Mastodawn

We used to have working spelling and grammar checkers. Why does everybody in tech pretend you need a whole-ass LLM to check for typos?

Show thread

wikiyu Feb 20

@baldur
And translations
And text to speech was working good in most cases

Show thread

Marcus Müller Feb 20

@wikiyu @baldur no offense, but LLMs are really really good at translations, compared to the state of the art before. (and e.g.
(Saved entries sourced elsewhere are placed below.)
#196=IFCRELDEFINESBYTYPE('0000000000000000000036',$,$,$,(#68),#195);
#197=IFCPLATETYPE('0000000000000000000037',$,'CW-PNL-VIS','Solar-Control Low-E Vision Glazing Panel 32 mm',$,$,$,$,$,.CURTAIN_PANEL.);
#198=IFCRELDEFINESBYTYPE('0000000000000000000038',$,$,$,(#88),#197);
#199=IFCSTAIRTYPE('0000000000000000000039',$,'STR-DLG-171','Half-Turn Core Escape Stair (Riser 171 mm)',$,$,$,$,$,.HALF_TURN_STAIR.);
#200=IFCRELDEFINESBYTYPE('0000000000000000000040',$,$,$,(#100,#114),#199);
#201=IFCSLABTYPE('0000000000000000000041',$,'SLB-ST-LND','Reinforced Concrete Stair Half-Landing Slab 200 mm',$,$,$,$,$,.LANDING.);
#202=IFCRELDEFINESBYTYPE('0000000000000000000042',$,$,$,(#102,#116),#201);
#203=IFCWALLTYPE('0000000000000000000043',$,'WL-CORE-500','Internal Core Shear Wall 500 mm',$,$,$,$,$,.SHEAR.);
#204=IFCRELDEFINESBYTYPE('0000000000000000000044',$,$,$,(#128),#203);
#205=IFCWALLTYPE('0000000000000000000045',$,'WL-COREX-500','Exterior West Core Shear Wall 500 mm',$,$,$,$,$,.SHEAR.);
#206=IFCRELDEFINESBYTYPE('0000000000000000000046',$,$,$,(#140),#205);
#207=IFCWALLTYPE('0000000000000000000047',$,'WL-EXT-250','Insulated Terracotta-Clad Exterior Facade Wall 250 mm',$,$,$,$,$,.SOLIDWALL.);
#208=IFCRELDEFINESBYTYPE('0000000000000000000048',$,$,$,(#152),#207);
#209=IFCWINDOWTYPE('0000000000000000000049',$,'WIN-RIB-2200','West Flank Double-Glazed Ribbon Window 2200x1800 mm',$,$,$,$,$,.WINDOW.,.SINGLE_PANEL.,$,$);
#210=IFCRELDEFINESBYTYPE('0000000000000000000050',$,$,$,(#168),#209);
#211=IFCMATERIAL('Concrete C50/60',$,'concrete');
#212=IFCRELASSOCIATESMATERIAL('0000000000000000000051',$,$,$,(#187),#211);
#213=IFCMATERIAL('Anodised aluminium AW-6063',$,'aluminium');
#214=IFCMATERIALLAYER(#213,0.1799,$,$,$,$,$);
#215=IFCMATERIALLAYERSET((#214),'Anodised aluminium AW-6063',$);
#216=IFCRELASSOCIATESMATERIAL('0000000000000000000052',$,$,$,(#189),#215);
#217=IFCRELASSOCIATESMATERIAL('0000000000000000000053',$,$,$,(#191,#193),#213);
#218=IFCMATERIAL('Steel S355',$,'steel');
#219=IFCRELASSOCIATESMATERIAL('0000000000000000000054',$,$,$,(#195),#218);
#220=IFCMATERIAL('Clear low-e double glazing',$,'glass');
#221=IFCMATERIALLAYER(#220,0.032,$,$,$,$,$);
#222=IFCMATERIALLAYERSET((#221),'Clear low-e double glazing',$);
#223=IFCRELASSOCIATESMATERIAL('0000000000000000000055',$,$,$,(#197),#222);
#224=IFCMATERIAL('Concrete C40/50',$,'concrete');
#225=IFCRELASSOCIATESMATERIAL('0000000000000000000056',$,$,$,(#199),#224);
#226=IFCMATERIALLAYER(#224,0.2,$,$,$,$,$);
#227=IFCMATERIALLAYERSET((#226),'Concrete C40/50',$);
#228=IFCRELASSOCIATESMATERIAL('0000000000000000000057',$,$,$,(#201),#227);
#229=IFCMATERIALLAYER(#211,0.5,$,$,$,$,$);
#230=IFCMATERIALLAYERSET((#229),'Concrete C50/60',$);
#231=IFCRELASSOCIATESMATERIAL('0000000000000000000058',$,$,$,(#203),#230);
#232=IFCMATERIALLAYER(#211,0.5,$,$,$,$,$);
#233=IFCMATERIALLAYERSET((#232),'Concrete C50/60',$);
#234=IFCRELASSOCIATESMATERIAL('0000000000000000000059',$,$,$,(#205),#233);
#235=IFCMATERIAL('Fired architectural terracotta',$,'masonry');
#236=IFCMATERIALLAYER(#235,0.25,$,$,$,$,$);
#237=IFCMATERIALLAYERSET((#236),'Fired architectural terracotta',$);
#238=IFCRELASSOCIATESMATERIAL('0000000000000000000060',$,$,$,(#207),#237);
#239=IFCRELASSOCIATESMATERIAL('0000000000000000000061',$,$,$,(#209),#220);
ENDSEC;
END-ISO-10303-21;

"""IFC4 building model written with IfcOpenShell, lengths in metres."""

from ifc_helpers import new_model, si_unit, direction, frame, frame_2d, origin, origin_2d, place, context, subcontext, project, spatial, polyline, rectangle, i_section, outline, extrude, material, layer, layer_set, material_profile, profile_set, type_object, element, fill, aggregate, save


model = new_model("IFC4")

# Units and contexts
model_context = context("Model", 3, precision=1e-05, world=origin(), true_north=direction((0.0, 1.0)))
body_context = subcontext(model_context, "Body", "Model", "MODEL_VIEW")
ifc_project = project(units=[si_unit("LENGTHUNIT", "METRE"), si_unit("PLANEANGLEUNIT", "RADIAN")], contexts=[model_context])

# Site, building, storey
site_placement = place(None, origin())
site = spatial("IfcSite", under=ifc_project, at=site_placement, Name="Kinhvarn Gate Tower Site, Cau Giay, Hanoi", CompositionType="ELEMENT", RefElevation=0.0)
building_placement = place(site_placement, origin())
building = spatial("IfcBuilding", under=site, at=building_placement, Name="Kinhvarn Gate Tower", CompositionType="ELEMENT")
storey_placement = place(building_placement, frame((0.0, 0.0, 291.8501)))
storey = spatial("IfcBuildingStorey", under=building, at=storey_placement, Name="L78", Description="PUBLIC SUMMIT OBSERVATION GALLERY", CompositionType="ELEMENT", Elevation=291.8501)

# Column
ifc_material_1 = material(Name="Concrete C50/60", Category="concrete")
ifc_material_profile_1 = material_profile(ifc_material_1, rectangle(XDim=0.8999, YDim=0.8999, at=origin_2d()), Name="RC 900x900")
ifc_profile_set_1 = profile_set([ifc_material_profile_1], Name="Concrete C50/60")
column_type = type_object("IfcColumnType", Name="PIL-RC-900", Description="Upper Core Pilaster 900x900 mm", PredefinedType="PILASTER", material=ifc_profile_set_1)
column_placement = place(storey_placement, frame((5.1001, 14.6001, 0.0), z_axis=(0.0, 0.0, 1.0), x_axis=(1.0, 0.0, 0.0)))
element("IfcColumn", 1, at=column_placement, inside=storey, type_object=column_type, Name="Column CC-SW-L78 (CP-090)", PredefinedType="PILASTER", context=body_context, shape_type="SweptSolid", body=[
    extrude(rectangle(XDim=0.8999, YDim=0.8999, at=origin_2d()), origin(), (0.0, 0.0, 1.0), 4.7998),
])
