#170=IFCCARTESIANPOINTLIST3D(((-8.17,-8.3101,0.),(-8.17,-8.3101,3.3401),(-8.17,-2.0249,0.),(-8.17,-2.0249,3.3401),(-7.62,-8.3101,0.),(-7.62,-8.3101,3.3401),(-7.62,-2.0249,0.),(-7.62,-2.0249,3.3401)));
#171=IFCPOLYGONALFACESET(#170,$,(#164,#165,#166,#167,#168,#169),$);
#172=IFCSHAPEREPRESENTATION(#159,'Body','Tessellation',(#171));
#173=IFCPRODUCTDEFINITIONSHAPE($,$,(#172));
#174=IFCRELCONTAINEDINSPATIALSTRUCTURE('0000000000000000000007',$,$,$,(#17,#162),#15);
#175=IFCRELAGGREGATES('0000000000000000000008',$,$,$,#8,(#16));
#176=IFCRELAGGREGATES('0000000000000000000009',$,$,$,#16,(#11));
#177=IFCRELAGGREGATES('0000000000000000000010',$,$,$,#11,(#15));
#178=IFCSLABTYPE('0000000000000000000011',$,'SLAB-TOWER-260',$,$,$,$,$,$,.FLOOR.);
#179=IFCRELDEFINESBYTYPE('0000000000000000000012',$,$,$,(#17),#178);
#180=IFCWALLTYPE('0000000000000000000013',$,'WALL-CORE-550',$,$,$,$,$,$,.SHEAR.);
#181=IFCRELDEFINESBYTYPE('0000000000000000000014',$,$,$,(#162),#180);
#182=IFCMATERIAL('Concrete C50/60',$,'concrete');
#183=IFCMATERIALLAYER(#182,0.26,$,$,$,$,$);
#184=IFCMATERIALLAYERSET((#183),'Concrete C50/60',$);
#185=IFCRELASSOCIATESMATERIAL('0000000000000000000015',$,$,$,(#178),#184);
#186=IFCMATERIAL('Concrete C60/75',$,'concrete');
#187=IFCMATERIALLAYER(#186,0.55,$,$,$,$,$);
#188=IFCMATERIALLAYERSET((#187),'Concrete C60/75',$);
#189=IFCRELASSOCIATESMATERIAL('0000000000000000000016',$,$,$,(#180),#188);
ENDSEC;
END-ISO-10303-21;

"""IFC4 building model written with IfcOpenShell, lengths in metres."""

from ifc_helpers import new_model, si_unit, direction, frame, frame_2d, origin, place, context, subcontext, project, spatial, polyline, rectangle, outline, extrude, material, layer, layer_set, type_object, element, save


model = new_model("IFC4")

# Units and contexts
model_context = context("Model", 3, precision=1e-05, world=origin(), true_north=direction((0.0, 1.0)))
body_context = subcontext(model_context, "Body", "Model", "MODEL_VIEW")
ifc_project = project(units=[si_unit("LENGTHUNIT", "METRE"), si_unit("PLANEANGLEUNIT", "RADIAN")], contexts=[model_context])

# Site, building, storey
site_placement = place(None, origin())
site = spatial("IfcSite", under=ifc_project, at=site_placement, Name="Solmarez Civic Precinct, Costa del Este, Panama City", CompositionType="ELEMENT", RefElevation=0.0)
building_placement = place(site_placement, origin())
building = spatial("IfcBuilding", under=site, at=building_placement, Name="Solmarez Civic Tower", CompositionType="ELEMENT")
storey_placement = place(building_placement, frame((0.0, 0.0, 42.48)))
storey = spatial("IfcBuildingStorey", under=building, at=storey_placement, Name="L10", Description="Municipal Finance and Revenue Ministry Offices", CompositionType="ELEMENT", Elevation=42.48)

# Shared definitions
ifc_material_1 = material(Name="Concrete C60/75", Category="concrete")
Google Translate was a lot more LLM-style AI for years than people think)

Show thread

Gustavo Feb 20

@funkylab @wikiyu @baldur People forget that the transformer model that LLMs use was created first for translations, so, of course, LLMs should be good at it as much as other solutions, they are based on the same building blocks.

Show thread

Marcus Müller

@qgustavor @wikiyu That's what I'd argue, too, but: this very basic theory and reality, especially of really available implementations, might diverge there.
Thing is that @baldur is actually someone from the field, so his word does weigh heavy to me, even if it doesn't reflect my own experience with translation quality.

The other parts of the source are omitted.